Almost all Spanish restaurants have a collection system in place, but the domestic collection industry is in its infancy. The oil is collected mainly by small companies that make arrangements directly with restaurants, bars, schools, factory canteens and so on.

“We’re moving into the oil collection business”, Ausin says “so we not only purchase from other collectors but are now also engaged in the acquisition of several collection companies”.

Bionor was founded more as an environmental company than an energy company. Its original purpose was to take care of collected used cooking oil. “We had to decide what to do with it,” Ausin says: “Biodiesel was the answer, and that’s what we founded the company to do”.

Accordingly, their environmental impact is a very sensitive matter.

“First of all,” says Ausin, “this is an industry that works with environmental concerns, so we have to start by setting an example ourselves.

Major environmental impacts include, for example, the water used in the process. This water has a chemical demand for oxygen of 15,000 ppm, and before it can be discharged into the river it has to be brought down to 100, which is a major challenge.

The other two main points are reduction of water consumption by re-using water to minimise clean water intake, and process improvements to reduce our consumption of catalysts and methanol, which are both expensive and highly contaminating”.

The main challenge at the Bionor biodiesel production plant has without a doubt been to achieve acceptable biodiesel quality from the used cooking oil – a raw material that changes characteristics from day to day. “The biggest challenge is to take that permanent heterogeneity and turn it into a standard fine end product,” says  Ausin.

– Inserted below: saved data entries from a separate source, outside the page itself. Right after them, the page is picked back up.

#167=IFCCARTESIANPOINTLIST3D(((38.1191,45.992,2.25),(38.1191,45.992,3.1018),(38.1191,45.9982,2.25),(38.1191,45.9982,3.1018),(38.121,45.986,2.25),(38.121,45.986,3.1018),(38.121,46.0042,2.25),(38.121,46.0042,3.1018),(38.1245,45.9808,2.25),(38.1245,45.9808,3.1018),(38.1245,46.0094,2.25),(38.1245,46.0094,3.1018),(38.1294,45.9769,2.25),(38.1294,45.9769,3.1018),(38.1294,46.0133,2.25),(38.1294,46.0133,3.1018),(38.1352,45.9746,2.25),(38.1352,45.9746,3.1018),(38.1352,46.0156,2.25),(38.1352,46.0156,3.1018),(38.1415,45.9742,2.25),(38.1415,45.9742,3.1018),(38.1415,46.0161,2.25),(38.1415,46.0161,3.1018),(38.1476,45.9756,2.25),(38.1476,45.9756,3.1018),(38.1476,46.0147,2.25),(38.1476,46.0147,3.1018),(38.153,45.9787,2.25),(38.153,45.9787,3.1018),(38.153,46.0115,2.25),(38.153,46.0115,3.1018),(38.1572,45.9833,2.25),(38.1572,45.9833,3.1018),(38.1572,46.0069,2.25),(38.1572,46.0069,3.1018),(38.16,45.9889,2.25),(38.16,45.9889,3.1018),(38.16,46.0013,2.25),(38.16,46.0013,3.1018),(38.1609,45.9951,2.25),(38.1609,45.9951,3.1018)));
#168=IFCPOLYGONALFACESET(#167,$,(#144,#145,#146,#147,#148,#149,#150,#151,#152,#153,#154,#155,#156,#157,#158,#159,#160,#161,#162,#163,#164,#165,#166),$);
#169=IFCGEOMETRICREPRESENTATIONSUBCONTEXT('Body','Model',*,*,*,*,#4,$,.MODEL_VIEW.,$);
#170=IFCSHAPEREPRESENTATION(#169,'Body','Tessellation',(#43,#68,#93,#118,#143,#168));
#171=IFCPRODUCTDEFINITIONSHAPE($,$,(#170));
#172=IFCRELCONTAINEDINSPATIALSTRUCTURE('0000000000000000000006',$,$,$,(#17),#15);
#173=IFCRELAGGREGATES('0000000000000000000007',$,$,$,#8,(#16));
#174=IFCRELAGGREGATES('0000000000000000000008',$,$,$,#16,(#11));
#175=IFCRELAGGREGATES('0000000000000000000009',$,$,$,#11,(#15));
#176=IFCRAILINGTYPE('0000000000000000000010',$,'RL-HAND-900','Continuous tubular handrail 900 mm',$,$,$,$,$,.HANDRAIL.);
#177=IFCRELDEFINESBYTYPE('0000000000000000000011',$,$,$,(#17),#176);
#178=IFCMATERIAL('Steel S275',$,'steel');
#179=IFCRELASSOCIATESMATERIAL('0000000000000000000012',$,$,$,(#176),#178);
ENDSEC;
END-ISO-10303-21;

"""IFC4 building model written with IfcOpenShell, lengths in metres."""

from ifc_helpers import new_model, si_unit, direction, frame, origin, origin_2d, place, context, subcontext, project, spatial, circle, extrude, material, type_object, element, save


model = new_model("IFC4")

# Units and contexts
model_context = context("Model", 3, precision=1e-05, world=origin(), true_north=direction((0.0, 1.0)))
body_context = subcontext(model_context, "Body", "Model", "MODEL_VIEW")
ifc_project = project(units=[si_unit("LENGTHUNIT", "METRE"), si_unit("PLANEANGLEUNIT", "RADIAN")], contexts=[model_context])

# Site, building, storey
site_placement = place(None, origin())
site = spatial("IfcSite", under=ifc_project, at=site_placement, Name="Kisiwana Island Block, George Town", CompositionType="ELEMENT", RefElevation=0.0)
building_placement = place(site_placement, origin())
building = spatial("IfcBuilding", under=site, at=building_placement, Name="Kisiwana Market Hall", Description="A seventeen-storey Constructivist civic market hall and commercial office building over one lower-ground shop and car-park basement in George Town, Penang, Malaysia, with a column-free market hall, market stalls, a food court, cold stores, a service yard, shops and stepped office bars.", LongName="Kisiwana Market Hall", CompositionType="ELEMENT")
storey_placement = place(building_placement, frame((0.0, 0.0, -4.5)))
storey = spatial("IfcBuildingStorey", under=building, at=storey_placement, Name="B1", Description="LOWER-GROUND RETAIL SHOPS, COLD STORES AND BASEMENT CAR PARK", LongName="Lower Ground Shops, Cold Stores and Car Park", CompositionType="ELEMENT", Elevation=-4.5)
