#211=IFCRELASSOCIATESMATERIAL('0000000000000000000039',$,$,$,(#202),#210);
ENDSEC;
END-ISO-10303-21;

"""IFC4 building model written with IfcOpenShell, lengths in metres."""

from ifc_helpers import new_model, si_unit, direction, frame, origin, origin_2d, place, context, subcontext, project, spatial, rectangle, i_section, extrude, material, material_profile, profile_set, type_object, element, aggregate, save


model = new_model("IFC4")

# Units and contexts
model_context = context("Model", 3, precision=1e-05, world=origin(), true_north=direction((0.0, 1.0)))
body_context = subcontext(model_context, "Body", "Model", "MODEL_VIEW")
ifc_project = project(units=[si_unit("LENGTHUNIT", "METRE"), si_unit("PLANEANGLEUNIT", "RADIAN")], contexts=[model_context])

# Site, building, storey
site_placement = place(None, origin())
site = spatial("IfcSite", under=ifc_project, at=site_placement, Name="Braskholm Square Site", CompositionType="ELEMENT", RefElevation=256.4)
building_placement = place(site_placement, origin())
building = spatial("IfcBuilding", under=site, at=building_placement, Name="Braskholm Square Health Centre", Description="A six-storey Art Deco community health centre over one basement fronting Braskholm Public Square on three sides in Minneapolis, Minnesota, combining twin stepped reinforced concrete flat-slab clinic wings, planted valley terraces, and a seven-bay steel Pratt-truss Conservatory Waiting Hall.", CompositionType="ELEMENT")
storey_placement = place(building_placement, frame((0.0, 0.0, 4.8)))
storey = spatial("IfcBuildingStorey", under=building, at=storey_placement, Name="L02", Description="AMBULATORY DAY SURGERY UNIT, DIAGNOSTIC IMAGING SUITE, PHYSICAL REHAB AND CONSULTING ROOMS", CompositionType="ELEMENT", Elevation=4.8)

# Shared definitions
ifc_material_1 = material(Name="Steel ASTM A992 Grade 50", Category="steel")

Bionor is currently operating two biodiesel plants in Spain (Alava) and Italy (Brescia) with a combined output of  137,750 tons. It is constructing five more plants in Spain and Brazil, which will add 990,000 tons of capacity this year.  It is also to invest US$200 million to develop at least 247,105 acres of land into jatropha plantations in the Philippines.

The project is part of Bionor’s strategy to develop plantations on biodiesel feedstocks that do not compete with the food sector or contribute to deforestation.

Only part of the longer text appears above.